Do we have an existing functionality, which depends on IMPDEF sysreg?
I was thinking the IMPDEF sysreg can be used by software either, but
it seems I'm wrong.
The key is in the name: an IMPLEMENTATION DEFINED register is defined by
the implementation (i.e. the specific CPU microarchitecture), so it's
wrong for software to come up with an arbitrary semantic as this will
differ from the implementation's defined semantic for the register.
Typically, IMP DEF resgisters are used for things that firmware needs to
do (e.g. enter/exit coherency), or for bringup-time debug (e.g. poking
into TLB/cache internals), and are not usually intended for general
purpose software.
Linux generally avoids the use of IMP DEF registers, but does so in some
cases (e.g. for PMUs) after FW explicitly describes that those are safe
to access.
Thanks for the explanation and details, which make things much clear. Since
the IMPDEF system register can't be used like this way, hypercall (HVC) would
be considered to serve same purpose - deliver signals from host to guest.
I'm not sure I follow how you'd use HVC to inject a signal into a guest;
the HVC would have to be issued by the guest to the host. Unless you're
injecting the signal via some other mechanism (e.g. an interrupt), and
the guest issues the HVC in response to that?
Yeah, I expressed it in wrong way. It should be - HVC is used by guest
to inject signal to host. Sorry for the confusion.
However, the hypercall number and behaviors are guarded by
specification. For example, the hypercalls used by para-virtualized
stolen time, which are defined in include/linux/arm-smccc.h, are
specified by ARM DEN0057A [1]. So I need a specification to be
created, where the hypercalls used by this feature are defined? If
it's not needed, can I pick hypercalls that aren't used and define
their behaviors by myself?
[1] http://infocenter.arm.com/help/topic/com.arm.doc.den0057a/DEN0057A_Paravirtualized_Time_for_Arm_based_Systems_v1_0.pdf
Take a look at the SMCCC / SMC Calling Convention:
https://developer.arm.com/docs/den0028/c
... that defines ranges set aside for hypervisor-specific usage, and
despite its name it also applies to HVC calls.

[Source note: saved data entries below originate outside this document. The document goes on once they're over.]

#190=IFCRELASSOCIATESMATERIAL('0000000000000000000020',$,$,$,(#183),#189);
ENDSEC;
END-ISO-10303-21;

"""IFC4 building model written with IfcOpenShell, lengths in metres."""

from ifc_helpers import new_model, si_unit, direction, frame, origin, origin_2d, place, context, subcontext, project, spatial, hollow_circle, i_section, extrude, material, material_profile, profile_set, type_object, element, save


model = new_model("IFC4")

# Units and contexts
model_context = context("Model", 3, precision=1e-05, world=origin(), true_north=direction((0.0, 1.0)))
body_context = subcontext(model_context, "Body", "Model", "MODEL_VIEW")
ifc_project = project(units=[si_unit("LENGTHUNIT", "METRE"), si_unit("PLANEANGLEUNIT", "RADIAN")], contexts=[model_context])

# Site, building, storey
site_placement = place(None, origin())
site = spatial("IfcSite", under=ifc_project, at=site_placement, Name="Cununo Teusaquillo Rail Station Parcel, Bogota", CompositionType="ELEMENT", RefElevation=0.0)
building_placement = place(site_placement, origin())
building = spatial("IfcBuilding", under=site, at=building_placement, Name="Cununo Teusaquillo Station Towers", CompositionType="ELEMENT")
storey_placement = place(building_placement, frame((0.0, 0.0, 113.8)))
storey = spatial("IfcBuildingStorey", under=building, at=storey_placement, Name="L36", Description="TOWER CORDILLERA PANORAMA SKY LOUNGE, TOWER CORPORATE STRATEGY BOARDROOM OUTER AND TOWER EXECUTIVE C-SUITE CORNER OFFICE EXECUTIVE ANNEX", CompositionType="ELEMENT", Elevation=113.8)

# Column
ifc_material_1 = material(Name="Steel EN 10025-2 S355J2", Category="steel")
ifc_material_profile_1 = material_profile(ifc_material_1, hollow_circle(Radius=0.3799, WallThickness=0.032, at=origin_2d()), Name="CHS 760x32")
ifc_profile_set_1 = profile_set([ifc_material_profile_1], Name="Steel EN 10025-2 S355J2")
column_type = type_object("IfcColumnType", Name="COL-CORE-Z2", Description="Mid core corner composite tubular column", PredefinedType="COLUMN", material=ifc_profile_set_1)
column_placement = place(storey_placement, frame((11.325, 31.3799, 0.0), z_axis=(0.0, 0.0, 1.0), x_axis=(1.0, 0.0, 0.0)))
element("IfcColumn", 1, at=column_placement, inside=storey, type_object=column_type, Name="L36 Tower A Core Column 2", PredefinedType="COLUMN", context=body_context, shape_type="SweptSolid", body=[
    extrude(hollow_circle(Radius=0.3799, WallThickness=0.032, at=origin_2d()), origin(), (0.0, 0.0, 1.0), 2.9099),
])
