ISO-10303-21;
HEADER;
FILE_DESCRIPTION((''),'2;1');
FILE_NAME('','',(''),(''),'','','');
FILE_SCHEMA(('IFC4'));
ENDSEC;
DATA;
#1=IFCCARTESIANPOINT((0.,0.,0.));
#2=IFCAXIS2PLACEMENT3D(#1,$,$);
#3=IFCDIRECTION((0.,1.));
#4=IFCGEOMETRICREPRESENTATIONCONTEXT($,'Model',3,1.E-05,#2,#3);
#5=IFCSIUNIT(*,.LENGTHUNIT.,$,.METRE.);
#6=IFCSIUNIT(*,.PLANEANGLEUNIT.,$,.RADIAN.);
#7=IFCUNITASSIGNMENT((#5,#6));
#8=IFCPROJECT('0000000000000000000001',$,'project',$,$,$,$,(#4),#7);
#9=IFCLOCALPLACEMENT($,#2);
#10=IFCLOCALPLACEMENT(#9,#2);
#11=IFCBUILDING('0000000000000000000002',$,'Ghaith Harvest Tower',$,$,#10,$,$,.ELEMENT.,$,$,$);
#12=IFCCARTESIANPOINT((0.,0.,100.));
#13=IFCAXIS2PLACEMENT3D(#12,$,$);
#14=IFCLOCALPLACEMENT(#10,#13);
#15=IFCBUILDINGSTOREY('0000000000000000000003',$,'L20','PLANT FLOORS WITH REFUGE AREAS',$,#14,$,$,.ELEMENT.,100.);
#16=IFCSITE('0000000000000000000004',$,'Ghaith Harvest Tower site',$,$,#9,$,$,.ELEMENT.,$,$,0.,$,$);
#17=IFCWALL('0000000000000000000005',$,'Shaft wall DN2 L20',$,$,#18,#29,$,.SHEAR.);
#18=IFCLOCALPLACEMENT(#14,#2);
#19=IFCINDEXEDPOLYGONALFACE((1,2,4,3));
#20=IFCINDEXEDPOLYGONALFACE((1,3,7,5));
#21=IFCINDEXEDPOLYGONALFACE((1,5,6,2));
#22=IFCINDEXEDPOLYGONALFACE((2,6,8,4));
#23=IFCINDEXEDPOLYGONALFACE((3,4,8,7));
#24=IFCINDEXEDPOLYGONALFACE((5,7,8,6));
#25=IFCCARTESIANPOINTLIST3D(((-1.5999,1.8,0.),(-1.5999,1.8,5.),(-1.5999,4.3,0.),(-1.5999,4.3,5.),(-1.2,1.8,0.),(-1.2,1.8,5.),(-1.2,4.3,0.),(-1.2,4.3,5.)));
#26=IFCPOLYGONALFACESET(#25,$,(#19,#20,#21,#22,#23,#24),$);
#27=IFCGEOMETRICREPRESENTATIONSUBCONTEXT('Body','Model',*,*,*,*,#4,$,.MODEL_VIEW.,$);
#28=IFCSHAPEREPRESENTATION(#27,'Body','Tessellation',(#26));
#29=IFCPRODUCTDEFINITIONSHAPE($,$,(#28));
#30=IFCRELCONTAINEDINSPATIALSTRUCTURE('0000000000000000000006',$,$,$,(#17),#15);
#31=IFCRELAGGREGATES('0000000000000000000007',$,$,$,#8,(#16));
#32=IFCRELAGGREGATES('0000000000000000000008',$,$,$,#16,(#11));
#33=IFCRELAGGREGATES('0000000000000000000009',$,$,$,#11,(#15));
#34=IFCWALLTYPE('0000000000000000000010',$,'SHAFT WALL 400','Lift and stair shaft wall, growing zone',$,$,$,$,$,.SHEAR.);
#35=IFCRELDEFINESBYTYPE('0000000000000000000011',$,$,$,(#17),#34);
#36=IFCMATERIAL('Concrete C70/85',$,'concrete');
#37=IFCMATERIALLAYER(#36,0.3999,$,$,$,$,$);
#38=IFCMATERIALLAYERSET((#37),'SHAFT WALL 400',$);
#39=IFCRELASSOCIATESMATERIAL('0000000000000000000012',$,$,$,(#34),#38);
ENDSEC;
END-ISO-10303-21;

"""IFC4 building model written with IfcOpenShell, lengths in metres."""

from ifc_helpers import new_model, si_unit, direction, frame, frame_2d, origin, place, context, subcontext, project, spatial, rectangle, extrude, material, layer, layer_set, type_object, element, save


model = new_model("IFC4")

# Units and contexts
model_context = context("Model", 3, precision=1e-05, world=origin(), true_north=direction((0.0, 1.0)))
body_context = subcontext(model_context, "Body", "Model", "MODEL_VIEW")
ifc_project = project(units=[si_unit("LENGTHUNIT", "METRE"), si_unit("PLANEANGLEUNIT", "RADIAN")], contexts=[model_context])

# Site, building, storey
site_placement = place(None, origin())
site = spatial("IfcSite", under=ifc_project, at=site_placement, Name="Ghaith Harvest Tower site", CompositionType="ELEMENT", RefElevation=0.0)
building_placement = place(site_placement, origin())
building = spatial("IfcBuilding", under=site, at=building_placement, Name="Ghaith Harvest Tower", CompositionType="ELEMENT")
storey_placement = place(building_placement, frame((0.0, 0.0, 100.0)))
storey = spatial("IfcBuildingStorey", under=building, at=storey_placement, Name="L20", Description="PLANT FLOORS WITH REFUGE AREAS", CompositionType="ELEMENT", Elevation=100.0)

# Shared definitions
ifc_material_1 = material(Name="Concrete C70/85", Category="concrete")
ifc_layer_1 = layer(ifc_material_1, 0.3999)
ifc_layer_set_1 = layer_set([ifc_layer_1], Name="SHAFT WALL 400")
wall_type_1 = type_object("IfcWallType", Name="SHAFT WALL 400", Description="Lift and stair shaft wall, growing zone", PredefinedType="SHEAR", material=ifc_layer_set_1)

# Wall
for number, where, z_axis, x_axis, name in (
    (1, (-1.3999, 1.8, 0.0), (0.0, 0.0, 1.0), (0.0, 1.0, 0.0), "Shaft wall DN2 L20"),
):
    element("IfcWall", number, at=place(storey_placement, frame(where, z_axis=z_axis, x_axis=x_axis)), inside=storey, type_object=wall_type_1, Name=name, PredefinedType="SHEAR", context=body_context, shape_type="SweptSolid", body=[
        extrude(rectangle(XDim=2.5, YDim=0.3999, at=frame_2d((1.25, 0.0))), origin(), (0.0, 0.0, 1.0), 5.0),
    ])

save(model, "model.ifc")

There's been intermittent work to add a probing story for that, so that
part is subject to change, but for prototyping you can just choose an
arbitray number in that range -- just be suere to mention in the commit
and cover letter that this part isn't complete.
Sure, thanks for the pointer, which is very useful. Will already shared
the git repo link about the probing story. I'll take a look and come back
to you if I have more questions. Yes, arbitrary numbers in the range is
ok for prototyping.
Another thing I want to check is about the ESR_EL1[DFSC]. In this series,
the asynchronous page fault is identified by IMPDEF DFSC (Data Fault Status
Code) in ESR_EL1. According to what we discussed, the IMPDEF DFSC shouldn't
be fired (produced) by software. It should be produced by hardware either?
What I understood is IMPDEF is hardware behavior. If this is true, I need
to avoid using IMPDEF DFSC in next revision :)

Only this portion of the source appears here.